To be admired or mad? :haha: I certainly feel mad sometimes, but I've always wanted to be a mum, and I cannot wait for it to be my turn one day!! :flower:


----------



## Jade--x

I'm 21 OH is 23 and we're WWT#3 in 5 years x


----------



## younglove

DH and I are both 24. We've been together over 7 years and married for 1 year. We'll probably start TTC in a year or so.


----------



## Viridian Soul

I'm 31 and he is 32. We're WTTC my second and his first. I hope we get there soon!


----------



## JenJen80

I'm 31 and my OH is 32.


----------



## BabyBean14

wellsk said:


> Kismet said:
> 
> 
> Yes, I agree! I love meeting people of different ages, backgrounds and countries. This is such a fantastic board. :D
> 
> I was not even close to being ready for motherhood when I was in my early 20s so I really admire all the ladies here who are! Good on ya!
> 
> To be admired or mad? :haha: I certainly feel mad sometimes, but I've always wanted to be a mum, and I cannot wait for it to be my turn one day!! :flower:Click to expand...

Ha! Well, I feel like I'm crazy too.
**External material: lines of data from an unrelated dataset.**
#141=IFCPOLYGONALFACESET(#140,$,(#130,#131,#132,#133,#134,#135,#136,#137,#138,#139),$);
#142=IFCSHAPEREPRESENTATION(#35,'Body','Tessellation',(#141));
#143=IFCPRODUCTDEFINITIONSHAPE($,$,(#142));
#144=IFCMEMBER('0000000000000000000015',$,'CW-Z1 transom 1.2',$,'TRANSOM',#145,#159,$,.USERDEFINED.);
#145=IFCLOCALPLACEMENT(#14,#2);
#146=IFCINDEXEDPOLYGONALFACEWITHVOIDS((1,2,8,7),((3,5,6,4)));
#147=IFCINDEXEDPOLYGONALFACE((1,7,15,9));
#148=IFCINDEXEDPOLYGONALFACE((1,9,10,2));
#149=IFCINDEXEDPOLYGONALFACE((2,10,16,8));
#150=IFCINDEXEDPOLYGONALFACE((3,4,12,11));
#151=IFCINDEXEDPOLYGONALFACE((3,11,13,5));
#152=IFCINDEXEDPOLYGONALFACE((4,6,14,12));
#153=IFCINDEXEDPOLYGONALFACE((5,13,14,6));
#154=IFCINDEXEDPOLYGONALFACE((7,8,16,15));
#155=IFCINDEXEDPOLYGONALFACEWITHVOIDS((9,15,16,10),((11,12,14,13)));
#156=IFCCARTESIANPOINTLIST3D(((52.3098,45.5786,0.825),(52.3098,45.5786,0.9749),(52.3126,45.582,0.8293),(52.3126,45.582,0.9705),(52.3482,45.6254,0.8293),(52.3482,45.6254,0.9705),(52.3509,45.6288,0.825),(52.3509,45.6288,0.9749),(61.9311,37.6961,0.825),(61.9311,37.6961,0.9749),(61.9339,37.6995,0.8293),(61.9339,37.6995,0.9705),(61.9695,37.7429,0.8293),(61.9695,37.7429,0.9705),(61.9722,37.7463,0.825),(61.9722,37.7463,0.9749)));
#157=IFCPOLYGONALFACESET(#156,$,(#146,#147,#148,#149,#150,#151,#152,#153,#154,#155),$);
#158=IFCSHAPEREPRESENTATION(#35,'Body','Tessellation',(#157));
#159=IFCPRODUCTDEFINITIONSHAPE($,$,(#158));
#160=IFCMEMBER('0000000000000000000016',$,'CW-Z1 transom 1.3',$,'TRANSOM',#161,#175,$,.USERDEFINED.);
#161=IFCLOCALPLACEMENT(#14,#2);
Would any sane person want to deal with the terrible 2s when 40+?? :haha: I'm sure we'll all manage with what is thrown at us and we'll be great parents one day. :D


----------



## LockandKey

I am 23 dh is 24, got married at 19 and got pregnant with dd at 22. We are a bit young but have pretty much everything we need in order and are financially and emotionally stable


----------



## Try Rocking

I'm 31 in a month and he's 39 :) We're waiting until next year before we TTC #2 :)


----------



## x Zaly x

Im 20 and my husband is 23 and we are waiting to try for number two x


----------



## Dahlia05

My husband just turned 29 & I am 27, we trying for #2.

Our daughter just turned 3 last month :)


----------



## angiepie

I'm 20 [21 in 6 days! :D] and he is 21 [22 in a month]. WTT number 1 end next year or beginning 2014 [we'll be 22 1/2 and 23 1/2 when we start TTC]. :)


----------



## Rachel.P

I'm 21 and OH is 25. (We'd be ttc already but we're getting ourselves out of this stupid debt from moving house first!)


----------



## Lellow

I am 27 and DH is 30...31 in August.


----------



## tuesday_

We're soon 20 and 22.


----------



## babydust11

I'm 20 & my husband is 24


----------



## x__amour

I'm 20 and my DH is 19. :flower:


----------



## thestarsfall

we are both 25, turning 26 in the fall...and we'll be NTNP starting Thursday this week.


----------



## Quackquack99

I'm 22 and my oh is 26, we are waiting for a couple of more years for another.


----------



## LittleLady04

I'm 24 and OH is 29, we are wtt#4 soon :flower:


----------



## Buttercup84

I'm 27, my bf is 26 and our DD is 6 months old. WTT for number 2 until probably early 2013.


----------



## Kians_Mummy

I'm 21 and OH is 23 and we're WTT #2, we have no definate date as it keeps changing due to work, money etc.


----------



## MrsKrueger2B

I'm 18 and DF is 23!


----------



## staralfur

I'm 23 and my OH is 31. :)


----------



## hope_fear

22 myself, OH 20 (soon to be 21). we're wtt


----------



## MrsGax

I am 23 and DH is 24.


----------



## wwchix

I am 21 and my hubby is 24, almost 25 :)

xx


----------



## Squashy

I'm 30 and OH is 51. Still waiting for a TTC date for :baby: #1 Hoping this year :coffee:


----------



## Skadi

I'm 30 and OH is 28. We are currently NTNP and will be TTC #2 in January.


----------



## happyface82

We'll both be 30 later in the year. :dohh:

WTT No2 hopefully next cycle!!! :flower:


----------



## bellablue

wtt #2

im 28 hubby is 30

we have been together since high school 13 yrs!

married 2 years!


----------



## Louppey

I'm 31, hubby is 29. We're currently wtt #2 :baby:


----------



## Hanie22

I'm 22 OH is 49 currently WTT #1


----------



## endlessblue

I'm 21 and OH is 32 :)


----------



## CoyoteSun

I'll be 25 in September and he's 30. WTT for our #1


----------